- Mired by the likely fallout of COVID-19 pandemic, the company is eyeing to keep up with the projected fleet and corporate financing requirements to smoothly restart operations
Europcar Mobility Group is reported to have announced the completion of a financial facility scheme to secure its liquidity to surmount the COVID-19 outbreak. Sources cite that this was part of the its endeavor to meet the cash preservation and cost-saving plan published in Q1 2020.
According to reports, €220 million new term loan has been inked with the Group’s main French and international banks; 90% is guaranteed from the French State through Bpifrance. It is believed that the financial facility would have 1 year initial maturity, with up to 5-year extension option concluded by Europcar. That said, this would depend upon customary mandatory provisions.
The company, however, has the caveat for the €220m term loan stating there would be no dividend payments in 2020 and 2021 and there should be 3 times net corporate leverage thereafter.
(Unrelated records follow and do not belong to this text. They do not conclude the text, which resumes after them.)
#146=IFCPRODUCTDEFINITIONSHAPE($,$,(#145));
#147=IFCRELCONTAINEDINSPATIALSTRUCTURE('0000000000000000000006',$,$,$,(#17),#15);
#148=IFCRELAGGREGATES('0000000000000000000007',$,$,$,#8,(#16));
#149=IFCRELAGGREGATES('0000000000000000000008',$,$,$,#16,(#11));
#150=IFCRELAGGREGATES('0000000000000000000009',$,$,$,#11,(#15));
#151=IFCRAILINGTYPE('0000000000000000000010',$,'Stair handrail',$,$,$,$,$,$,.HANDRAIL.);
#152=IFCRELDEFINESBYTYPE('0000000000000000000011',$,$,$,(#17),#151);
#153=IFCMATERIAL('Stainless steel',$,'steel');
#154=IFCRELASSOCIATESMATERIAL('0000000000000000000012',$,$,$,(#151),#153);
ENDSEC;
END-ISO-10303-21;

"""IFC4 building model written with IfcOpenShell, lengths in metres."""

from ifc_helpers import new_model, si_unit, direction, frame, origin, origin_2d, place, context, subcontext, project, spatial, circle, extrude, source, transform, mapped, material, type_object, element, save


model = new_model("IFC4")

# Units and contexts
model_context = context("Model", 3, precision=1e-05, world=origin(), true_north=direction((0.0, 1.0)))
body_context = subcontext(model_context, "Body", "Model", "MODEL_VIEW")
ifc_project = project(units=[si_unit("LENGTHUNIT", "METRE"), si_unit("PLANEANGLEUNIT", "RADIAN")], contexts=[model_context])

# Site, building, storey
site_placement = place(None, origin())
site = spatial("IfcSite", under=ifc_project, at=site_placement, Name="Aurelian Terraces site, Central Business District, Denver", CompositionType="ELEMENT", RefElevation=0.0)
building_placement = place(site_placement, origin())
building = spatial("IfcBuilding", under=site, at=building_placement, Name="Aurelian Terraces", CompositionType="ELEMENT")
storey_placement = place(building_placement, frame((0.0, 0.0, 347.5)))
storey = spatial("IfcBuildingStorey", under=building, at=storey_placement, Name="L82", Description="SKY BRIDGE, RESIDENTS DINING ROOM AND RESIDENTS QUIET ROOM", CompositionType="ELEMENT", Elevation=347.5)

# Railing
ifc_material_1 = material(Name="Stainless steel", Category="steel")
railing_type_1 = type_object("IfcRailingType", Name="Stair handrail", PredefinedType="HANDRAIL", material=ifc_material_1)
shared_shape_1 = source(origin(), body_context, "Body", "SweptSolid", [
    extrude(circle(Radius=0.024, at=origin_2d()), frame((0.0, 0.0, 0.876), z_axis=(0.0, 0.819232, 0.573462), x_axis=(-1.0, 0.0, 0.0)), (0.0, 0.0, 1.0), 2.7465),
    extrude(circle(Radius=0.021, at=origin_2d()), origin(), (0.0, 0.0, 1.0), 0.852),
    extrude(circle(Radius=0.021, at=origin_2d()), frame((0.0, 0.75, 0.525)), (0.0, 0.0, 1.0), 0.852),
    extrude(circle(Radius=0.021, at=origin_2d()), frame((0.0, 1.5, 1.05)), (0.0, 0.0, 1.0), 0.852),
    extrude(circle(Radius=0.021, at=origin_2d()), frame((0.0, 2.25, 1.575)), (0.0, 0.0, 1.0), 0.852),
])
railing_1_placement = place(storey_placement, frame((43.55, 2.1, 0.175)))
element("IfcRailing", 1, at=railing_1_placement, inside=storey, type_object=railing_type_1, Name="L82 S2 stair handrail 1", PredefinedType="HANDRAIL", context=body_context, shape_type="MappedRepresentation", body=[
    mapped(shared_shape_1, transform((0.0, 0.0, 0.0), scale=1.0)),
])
Meanwhile, 70% of the financial assistance of €67m would be provided by the Spanish State. The new facility is said to be for the Group’s Spanish subsidiaries, inked over the previous 2 weeks with BBVA and Bankia and having three-year maturity and proceeds to underpin both corporate and fleet needs.
The remaining €20 million incremental RCF would be under the aegis of Eurazeo via a risk sub-participation.
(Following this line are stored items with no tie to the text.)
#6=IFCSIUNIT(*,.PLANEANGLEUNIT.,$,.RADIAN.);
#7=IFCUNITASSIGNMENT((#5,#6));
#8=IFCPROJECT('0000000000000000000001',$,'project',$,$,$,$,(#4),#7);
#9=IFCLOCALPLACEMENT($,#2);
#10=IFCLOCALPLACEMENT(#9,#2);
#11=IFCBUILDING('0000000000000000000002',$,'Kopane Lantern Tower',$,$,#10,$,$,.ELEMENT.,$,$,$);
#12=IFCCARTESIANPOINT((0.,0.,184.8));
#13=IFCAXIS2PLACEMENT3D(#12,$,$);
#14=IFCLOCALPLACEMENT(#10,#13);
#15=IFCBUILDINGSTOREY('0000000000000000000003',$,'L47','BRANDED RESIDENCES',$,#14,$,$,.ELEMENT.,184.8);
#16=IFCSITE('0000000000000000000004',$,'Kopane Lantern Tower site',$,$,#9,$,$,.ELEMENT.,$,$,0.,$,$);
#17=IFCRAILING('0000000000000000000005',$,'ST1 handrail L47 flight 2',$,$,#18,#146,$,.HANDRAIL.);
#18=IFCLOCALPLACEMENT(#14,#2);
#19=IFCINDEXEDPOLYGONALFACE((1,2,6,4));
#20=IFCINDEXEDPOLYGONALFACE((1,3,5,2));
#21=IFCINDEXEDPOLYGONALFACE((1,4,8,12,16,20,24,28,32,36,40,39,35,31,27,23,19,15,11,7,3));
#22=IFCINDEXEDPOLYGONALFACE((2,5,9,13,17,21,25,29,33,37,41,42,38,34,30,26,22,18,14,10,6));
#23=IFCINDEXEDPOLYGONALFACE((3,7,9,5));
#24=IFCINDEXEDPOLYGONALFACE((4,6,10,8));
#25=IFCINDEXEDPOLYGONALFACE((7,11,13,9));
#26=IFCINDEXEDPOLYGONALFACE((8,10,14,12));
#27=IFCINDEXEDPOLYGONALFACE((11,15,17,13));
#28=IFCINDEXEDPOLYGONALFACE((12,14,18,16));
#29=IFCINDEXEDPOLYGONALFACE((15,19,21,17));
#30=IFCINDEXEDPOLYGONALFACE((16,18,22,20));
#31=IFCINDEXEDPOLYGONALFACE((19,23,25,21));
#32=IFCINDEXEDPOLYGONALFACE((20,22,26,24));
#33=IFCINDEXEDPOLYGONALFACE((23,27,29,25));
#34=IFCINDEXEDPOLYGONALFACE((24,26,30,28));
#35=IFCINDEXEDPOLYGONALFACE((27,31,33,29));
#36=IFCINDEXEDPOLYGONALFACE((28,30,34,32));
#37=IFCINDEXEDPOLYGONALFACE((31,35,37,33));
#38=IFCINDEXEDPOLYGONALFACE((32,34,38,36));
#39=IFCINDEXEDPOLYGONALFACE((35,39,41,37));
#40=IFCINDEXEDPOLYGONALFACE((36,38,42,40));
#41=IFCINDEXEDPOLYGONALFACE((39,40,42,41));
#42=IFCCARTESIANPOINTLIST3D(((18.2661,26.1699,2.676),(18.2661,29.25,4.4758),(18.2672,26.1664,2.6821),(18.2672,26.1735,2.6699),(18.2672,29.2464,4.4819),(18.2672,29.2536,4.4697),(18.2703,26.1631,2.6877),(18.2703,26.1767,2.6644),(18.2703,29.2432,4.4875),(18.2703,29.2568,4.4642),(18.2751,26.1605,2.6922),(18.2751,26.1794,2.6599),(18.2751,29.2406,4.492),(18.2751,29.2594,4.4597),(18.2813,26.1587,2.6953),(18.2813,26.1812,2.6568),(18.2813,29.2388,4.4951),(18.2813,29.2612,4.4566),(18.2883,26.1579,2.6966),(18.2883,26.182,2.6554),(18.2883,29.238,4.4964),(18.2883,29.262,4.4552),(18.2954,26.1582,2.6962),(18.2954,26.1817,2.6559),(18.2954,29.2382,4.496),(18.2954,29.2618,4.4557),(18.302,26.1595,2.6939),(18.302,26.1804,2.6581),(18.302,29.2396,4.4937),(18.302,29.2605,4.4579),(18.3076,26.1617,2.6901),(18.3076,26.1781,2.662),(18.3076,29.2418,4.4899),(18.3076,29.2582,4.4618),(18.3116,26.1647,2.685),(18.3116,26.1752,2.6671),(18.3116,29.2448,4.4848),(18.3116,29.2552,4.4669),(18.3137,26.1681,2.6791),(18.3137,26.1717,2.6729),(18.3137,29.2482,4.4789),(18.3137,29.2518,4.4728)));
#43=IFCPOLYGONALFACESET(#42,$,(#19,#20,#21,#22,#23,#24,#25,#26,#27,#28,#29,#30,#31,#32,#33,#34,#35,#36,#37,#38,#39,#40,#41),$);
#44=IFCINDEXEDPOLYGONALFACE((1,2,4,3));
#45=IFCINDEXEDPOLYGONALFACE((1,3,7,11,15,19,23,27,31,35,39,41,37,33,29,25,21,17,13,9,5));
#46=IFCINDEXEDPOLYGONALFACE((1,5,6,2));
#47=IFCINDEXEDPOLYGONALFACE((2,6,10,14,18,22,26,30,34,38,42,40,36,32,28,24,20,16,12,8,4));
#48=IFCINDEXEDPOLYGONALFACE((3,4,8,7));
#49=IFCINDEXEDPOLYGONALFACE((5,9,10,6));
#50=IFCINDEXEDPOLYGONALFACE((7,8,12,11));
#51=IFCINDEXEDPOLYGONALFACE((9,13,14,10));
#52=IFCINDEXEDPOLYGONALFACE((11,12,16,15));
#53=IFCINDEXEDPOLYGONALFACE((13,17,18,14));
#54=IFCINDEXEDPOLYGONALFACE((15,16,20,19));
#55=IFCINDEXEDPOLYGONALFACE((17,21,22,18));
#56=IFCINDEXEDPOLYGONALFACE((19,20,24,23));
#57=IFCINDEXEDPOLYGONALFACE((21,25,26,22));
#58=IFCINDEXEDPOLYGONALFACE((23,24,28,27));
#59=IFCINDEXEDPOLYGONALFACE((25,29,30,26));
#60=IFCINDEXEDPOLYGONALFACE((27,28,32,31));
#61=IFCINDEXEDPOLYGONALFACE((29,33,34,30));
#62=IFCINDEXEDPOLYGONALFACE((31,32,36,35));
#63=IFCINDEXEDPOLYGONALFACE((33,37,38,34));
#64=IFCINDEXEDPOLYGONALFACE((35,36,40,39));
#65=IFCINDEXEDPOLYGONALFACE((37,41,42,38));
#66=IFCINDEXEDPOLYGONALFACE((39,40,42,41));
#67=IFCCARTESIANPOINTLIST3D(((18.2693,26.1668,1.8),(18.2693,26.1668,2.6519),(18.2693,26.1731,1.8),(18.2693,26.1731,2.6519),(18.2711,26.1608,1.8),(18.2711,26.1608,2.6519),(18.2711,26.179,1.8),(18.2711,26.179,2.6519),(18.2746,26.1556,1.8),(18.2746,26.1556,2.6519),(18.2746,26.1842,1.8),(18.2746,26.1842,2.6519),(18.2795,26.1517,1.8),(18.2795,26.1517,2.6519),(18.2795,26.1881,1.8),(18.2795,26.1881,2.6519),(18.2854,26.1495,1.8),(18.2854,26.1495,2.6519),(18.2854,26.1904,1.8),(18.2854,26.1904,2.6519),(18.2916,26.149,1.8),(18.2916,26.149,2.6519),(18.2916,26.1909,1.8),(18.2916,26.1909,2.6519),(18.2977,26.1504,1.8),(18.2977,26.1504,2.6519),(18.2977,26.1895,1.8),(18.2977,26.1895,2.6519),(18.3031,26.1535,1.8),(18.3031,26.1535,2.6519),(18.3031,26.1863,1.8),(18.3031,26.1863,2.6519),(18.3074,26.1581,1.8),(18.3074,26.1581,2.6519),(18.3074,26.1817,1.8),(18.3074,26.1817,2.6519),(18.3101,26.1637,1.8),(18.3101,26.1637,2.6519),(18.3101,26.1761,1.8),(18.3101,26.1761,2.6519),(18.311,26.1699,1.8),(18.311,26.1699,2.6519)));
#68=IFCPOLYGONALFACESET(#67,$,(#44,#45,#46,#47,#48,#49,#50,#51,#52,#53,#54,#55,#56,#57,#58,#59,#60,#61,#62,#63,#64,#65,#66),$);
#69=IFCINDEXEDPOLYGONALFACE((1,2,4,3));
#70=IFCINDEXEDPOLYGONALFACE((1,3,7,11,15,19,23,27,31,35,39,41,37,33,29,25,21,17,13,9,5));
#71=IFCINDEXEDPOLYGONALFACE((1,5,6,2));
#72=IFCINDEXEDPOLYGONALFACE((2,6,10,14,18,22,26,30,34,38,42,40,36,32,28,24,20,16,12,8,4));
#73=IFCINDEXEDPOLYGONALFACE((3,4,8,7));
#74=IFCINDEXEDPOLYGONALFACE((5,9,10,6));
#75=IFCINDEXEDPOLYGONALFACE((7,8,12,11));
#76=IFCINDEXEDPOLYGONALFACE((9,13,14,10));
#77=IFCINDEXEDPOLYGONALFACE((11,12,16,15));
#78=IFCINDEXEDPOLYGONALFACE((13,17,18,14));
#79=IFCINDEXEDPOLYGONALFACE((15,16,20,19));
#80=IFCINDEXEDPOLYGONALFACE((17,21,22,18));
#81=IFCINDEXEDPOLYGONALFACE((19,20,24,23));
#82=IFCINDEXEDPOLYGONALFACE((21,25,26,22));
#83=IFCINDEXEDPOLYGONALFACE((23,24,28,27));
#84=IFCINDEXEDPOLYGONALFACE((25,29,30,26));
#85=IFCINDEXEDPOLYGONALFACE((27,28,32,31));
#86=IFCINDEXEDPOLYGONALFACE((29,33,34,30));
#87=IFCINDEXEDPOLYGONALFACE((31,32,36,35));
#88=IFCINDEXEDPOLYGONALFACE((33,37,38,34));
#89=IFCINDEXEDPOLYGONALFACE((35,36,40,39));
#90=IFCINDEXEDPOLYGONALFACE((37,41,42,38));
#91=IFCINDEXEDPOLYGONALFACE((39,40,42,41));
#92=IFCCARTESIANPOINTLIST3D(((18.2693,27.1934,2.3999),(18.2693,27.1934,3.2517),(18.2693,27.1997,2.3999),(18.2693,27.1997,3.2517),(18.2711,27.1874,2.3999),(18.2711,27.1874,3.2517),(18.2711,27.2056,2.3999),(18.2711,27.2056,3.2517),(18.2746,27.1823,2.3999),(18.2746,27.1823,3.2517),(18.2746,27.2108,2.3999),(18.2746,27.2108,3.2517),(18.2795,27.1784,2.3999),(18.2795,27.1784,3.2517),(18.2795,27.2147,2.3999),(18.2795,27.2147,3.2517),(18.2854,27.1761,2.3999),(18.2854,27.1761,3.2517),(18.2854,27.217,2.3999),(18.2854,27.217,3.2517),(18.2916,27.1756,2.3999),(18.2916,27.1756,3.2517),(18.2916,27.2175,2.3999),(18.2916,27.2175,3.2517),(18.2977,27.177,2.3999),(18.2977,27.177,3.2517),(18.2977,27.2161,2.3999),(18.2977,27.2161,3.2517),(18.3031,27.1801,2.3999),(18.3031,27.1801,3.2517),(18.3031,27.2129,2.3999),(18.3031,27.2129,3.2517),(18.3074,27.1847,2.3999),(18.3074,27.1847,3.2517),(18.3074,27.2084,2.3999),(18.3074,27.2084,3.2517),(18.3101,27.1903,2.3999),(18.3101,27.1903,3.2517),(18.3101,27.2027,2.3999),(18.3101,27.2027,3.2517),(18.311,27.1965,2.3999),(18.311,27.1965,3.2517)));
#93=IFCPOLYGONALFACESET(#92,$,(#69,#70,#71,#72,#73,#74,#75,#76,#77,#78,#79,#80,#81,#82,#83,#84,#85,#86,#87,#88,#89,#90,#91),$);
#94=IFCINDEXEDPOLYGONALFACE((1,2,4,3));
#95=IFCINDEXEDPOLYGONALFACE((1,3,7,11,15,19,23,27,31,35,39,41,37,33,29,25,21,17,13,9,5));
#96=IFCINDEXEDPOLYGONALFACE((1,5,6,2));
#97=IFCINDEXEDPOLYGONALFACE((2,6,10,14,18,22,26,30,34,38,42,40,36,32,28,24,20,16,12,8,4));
The much-needed financial facilities are expected to help Europcar Mobility Group to swiftly resume its operation and sustain and thrive in the business environment mired by the COVID-19 outbreak.
Caroline Parot, Chairwoman of Europcar Mobility Group Management Board, expressed her reverence to Bruno Le Maire, the Minister; Agnes Pannier-Runacher, the Secretary of State; the French State and banks for standing like a rock pillar and leveraging a “constructive dialogue” at the early stage of the pandemic.
Extending her gratitude, Caroline was quoted to have thought highly of Eurazeo for its renewed support. The Chairwoman was also full praise for all the positive interactions and support the County Managing Directors received from banking groups and their respective states across Europe.